JOGJA BERKABAR – Tren gaya hidup ramah lingkungan mulai terasa di Yogyakarta. Anak muda sekarang tidak hanya fokus soal gaya, tapi juga mulai peduli dengan dampak yang mereka tinggalkan.
Pilihan produk yang digunakan sehari-hari mulai berubah. Banyak yang beralih ke barang yang lebih ramah lingkungan.
Perubahan ini terlihat dari kebiasaan kecil. Mulai dari bawa tas sendiri sampai memilih produk yang bisa dipakai ulang. Selain lebih peduli lingkungan, produk seperti ini juga punya nilai estetik. Jadi tetap keren dipakai.
Berikut beberapa tren produk ramah lingkungan yang mulai dilirik anak muda di Jogja:
Totebag dan tas kain
Tas kain jadi pengganti kantong plastik. Selain bisa dipakai berulang kali, desainnya juga beragam. Banyak yang tampil simpel tapi tetap menarik.
Tumbler dan botol minum
Anak muda sekarang lebih sering bawa botol minum sendiri. Selain hemat, ini juga mengurangi sampah botol plastik sekali pakai. Desainnya juga makin stylish.
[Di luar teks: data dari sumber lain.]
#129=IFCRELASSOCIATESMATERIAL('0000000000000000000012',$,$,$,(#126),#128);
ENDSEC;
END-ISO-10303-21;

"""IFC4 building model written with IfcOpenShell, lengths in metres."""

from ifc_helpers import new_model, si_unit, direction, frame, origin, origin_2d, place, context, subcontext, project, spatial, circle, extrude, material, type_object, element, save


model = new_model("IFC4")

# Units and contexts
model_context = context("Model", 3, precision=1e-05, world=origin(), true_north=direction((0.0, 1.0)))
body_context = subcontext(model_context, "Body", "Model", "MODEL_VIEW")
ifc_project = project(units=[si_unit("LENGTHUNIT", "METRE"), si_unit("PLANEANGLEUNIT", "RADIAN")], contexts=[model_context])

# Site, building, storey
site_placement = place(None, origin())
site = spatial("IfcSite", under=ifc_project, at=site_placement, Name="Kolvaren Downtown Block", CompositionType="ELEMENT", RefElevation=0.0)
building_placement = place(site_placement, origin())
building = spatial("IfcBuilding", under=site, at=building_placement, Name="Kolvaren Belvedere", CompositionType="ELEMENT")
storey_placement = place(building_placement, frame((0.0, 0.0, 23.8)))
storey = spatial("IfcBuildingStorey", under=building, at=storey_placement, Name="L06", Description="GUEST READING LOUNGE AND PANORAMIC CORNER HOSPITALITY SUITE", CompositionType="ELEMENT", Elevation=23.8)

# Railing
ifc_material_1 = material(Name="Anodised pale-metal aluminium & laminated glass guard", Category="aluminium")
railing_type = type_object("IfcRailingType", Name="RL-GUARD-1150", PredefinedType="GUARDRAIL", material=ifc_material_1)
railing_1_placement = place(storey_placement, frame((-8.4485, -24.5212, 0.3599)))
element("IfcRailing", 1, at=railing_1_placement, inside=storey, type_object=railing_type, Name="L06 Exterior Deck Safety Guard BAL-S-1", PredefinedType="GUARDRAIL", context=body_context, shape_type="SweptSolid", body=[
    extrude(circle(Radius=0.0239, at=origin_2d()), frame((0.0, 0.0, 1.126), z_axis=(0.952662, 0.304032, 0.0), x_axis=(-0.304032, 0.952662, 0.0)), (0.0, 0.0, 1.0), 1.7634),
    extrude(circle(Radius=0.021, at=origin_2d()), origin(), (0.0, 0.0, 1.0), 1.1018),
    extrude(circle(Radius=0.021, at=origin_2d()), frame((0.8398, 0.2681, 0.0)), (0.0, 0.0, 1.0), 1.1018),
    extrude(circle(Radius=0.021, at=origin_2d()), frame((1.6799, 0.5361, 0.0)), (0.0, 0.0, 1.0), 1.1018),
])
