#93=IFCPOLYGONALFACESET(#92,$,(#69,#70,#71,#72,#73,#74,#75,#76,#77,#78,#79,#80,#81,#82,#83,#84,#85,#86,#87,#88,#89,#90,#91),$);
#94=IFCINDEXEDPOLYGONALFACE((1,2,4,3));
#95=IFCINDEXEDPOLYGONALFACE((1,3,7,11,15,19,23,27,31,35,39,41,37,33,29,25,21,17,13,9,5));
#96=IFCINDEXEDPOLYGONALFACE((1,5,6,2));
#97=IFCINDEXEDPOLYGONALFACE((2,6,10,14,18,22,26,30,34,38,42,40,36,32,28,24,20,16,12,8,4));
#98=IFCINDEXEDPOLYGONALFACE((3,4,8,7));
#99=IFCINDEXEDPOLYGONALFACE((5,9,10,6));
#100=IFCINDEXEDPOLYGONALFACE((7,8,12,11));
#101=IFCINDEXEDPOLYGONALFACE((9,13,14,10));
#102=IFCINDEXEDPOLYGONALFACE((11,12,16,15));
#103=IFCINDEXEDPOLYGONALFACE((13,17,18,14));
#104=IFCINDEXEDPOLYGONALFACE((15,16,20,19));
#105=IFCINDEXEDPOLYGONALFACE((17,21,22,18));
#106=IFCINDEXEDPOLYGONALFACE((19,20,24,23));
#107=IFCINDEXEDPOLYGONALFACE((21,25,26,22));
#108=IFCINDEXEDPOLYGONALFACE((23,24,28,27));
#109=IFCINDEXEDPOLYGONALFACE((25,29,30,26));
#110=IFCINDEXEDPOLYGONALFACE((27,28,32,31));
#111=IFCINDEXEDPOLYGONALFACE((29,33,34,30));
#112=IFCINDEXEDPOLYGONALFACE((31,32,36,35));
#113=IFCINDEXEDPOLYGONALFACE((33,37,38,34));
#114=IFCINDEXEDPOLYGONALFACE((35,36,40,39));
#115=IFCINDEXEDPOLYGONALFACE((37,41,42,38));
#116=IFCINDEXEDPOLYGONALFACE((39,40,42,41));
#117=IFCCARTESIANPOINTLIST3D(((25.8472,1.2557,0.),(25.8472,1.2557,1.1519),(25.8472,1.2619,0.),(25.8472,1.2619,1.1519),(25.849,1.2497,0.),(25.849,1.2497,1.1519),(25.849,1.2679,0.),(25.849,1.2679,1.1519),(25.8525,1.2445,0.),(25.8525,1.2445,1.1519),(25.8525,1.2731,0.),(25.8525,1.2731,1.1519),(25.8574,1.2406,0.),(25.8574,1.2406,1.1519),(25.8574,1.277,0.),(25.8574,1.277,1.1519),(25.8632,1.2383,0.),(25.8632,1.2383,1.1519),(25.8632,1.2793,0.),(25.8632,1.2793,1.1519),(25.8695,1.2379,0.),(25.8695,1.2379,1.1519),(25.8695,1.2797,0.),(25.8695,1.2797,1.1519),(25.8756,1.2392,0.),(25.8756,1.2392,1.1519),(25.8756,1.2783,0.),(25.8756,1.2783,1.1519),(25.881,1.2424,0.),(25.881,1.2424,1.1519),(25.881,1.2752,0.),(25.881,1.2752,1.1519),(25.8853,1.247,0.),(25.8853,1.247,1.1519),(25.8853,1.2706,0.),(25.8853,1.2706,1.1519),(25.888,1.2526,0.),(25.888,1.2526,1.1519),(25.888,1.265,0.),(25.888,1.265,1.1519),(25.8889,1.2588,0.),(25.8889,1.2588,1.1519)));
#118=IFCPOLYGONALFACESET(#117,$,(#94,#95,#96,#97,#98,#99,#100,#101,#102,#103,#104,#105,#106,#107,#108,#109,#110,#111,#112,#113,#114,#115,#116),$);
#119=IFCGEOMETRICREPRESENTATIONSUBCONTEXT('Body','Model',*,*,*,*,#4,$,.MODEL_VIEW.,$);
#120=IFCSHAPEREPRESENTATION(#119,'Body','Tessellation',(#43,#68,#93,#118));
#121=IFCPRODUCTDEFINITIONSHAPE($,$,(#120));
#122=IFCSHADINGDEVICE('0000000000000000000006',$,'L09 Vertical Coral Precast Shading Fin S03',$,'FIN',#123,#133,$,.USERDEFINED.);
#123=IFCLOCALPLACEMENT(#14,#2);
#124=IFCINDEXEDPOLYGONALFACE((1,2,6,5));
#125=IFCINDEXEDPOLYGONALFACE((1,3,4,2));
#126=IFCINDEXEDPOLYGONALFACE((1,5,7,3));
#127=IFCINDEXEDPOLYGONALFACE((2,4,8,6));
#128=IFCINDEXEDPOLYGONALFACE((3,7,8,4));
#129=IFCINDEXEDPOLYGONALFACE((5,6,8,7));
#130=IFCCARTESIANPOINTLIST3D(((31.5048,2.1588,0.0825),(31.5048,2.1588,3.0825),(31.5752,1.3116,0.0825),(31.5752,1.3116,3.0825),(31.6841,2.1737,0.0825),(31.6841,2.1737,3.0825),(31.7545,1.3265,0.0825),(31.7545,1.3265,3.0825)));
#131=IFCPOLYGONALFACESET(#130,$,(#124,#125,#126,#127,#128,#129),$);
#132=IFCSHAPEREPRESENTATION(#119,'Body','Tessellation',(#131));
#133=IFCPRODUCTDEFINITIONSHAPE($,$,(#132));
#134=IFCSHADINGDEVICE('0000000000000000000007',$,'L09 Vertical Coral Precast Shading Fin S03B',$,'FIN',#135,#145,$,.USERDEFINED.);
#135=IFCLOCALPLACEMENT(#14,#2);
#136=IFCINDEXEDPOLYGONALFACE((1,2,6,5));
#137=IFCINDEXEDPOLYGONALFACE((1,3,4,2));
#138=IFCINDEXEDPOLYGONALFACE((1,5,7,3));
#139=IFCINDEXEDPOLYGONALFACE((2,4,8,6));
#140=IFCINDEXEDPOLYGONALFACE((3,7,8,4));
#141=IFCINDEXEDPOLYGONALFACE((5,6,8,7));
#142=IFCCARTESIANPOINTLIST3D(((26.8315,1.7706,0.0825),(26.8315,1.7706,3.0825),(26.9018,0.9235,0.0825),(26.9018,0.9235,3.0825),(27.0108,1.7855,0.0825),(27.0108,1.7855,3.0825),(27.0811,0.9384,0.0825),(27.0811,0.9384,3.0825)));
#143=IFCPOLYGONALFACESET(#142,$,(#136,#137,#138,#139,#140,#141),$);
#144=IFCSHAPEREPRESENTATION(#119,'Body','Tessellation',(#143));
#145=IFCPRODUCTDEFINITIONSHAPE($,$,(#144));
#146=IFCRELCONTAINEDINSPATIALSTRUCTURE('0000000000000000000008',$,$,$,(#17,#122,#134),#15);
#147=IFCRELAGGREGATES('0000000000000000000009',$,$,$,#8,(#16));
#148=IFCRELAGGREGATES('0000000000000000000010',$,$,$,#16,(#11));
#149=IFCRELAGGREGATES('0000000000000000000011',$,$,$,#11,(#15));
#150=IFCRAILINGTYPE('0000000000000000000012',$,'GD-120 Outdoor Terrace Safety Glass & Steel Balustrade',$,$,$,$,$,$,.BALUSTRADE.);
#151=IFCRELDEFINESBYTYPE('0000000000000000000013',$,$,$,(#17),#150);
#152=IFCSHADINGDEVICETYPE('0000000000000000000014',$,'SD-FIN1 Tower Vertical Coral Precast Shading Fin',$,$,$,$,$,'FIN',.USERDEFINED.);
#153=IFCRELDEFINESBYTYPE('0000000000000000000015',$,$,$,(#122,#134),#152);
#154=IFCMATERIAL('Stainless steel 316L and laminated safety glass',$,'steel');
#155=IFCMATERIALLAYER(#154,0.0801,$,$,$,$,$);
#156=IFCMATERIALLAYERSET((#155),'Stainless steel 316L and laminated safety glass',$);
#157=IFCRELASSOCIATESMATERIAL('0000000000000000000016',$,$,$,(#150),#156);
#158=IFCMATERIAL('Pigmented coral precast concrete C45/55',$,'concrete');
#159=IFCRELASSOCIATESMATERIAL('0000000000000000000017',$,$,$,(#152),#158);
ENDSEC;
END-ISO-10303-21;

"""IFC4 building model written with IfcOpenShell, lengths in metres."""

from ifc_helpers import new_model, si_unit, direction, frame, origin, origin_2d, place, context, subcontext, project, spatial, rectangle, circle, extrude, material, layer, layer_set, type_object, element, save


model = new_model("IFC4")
Sedotan stainless atau bambu
Sedotan sekali pakai mulai ditinggalkan. Banyak yang beralih ke sedotan stainless atau bambu. Bisa dipakai berulang dan mudah dibawa.
Kemasan makanan ramah lingkungan
Beberapa produk makanan dan minuman mulai pakai kemasan kertas atau bahan alami. Selain lebih aman untuk lingkungan, tampilannya juga lebih estetik.
Produk thrift dan daur ulang
Barang bekas yang masih layak pakai mulai diminati. Bahkan banyak yang justru mencari produk thrift karena dianggap unik dan beda.
Produk lokal berbahan alami
Mulai dari sabun, skincare, sampai kerajinan tangan berbahan alami juga makin populer. Selain mendukung produk lokal, ini juga lebih ramah lingkungan.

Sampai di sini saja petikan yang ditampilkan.